Adalberto Claudio Quiros

Postdoctoral Research Associate at University of Glasgow

About Me

I’m a machine learning researcher interested in representation learning (generative and self-supervised), interpretability of machine learning models, and the intersection of machine learning with social and political science.

I did my PhD advised by Ke Yuan at the University of Glasgow, Computing Science department. The PhD research focused on unsupervised representation learning of cancer tissue images by applying generative and self-supervised models.

Before starting the PhD, I worked in the semiconductor industry as a SoC Design engineer in the FPGA field at Altera Corporation and Intel Corporation in San Jose, CA. I received an M.S. in Electrical Engineering at the IIT in Chicago, and M.S. and B.S. degrees in Telecommunications Engineering at ETSIT-UPM in Madrid.

Research Experience


'Mapping the landscape of histomorphological cancer phenotypes using self-supervised learning on unlabeled, unannotated pathology slides' Adalberto Claudio Quiros+, Nicolas Coudray+, Anna Yeaton, Xinyu Yang, Luis Chiriboga, Afreen Karimkhan, Navneet Narula, Harvey Pass, Andre L. Moreira, John Le Quesne*, Aristotelis Tsirigos*, and Ke Yuan*. 2023.

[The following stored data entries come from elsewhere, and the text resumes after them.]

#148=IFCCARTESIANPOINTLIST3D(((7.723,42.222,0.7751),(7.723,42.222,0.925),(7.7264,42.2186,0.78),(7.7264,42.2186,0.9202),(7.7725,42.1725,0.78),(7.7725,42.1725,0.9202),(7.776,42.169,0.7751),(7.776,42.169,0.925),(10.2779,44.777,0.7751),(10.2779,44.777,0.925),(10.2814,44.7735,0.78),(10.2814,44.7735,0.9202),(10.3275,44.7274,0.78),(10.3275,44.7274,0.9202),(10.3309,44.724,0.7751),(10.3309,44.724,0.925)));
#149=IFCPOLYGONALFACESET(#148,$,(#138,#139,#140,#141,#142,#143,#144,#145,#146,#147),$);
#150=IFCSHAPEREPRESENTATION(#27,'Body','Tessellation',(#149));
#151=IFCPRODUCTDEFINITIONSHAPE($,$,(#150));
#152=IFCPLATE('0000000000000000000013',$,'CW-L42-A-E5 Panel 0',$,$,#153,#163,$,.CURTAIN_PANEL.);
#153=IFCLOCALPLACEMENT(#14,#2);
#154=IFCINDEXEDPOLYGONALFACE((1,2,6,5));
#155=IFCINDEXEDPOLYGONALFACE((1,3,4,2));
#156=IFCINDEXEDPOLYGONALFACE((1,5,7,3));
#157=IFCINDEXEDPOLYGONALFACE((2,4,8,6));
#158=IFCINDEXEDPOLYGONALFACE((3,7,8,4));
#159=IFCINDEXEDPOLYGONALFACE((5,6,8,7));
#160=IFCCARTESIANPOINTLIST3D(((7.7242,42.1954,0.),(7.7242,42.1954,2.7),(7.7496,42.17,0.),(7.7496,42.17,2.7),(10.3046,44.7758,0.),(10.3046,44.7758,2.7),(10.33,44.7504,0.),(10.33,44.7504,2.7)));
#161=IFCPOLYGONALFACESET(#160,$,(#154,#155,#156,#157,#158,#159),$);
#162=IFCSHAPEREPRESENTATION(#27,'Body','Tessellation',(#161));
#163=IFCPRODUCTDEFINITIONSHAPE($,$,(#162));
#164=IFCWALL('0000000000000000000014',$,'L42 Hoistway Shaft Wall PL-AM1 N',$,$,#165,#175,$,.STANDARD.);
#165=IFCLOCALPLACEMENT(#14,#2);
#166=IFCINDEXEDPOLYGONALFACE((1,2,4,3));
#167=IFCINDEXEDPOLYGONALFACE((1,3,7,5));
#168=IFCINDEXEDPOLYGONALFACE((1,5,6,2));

Abstract: Definitive cancer diagnosis and management depend upon the extraction of information from microscopy images by pathologists. These images contain complex information requiring time-consuming expert human interpretation that is prone to human bias. Supervised deep learning approaches have proven powerful for classification tasks, but they are inherently limited by the cost and quality of annotations used for training these models. To address this limitation of supervised methods, we developed Histomorphological Phenotype Learning (HPL), a fully unsupervised methodology that requires no expert labels or annotations and operates via the automatic discovery of discriminatory image features in small image tiles. Tiles are grouped into morphologically similar clusters which constitute a library of histomorphological phenotypes, revealing trajectories from benign to malignant tissue via inflammatory and reactive phenotypes. These clusters have distinct features which can be identified using orthogonal methods, linking histologic, molecular and clinical phenotypes. Applied to lung cancer tissues, we show that they align closely with patient survival, with histopathologically recognised tumor types and growth patterns, and with transcriptomic measures of immunophenotype. We then demonstrate that these properties are maintained in a multi-cancer study. These results show the clusters represent recurrent host responses and modes of tumor growth emerging under natural selection.


'Adversarial learning of cancer tissue representations' Adalberto Claudio Quiros, Nicolas Coudray, Anna Yeaton, Wisuwat Sunhem, Roderick Murray-Smith, Aristotelis Tsirigos, and Ke Yuan. 2021.

Proceedings of the 24th International Conference on Medical Image Computing and Computer-Assisted Intervention (MICCAI), Springer, 2021.

Abstract: Deep learning based analysis of histopathology images shows promise in advancing understanding of tumor progression, tumor micro-environment, and their underpinning biological processes. So far, these approaches have focused on extracting information associated with annotations. In this work, we ask how much information can be learned from the tissue architecture itself. We present an adversarial learning model to extract feature representations of cancer tissue, without the need for manual annotations. We show that these representations are able to identify a variety of morphological characteristics across three cancer types: Breast, colon, and lung. This is supported by 1) the separation of morphologic characteristics in the latent space; 2) the ability to classify tissue type with logistic regression using latent representations, with an AUC of 0.97 and 85% accuracy, comparable to supervised deep models; 3) the ability to predict the presence of tumor in Whole Slide Images (WSIs) using multiple instance learning (MIL), achieving an AUC of 0.98 and 94% accuracy. Our results show that our model captures distinct phenotypic characteristics of real tissue samples, paving the way for further understanding of tumor progression and tumor micro-environment, and ultimately refining histopathological classification for diagnosis and treatment.


'Pathology GAN: Learning deep representations of cancer tissue' Adalberto Claudio Quiros, Roderick Murray-Smith, Ke Yuan. 2020.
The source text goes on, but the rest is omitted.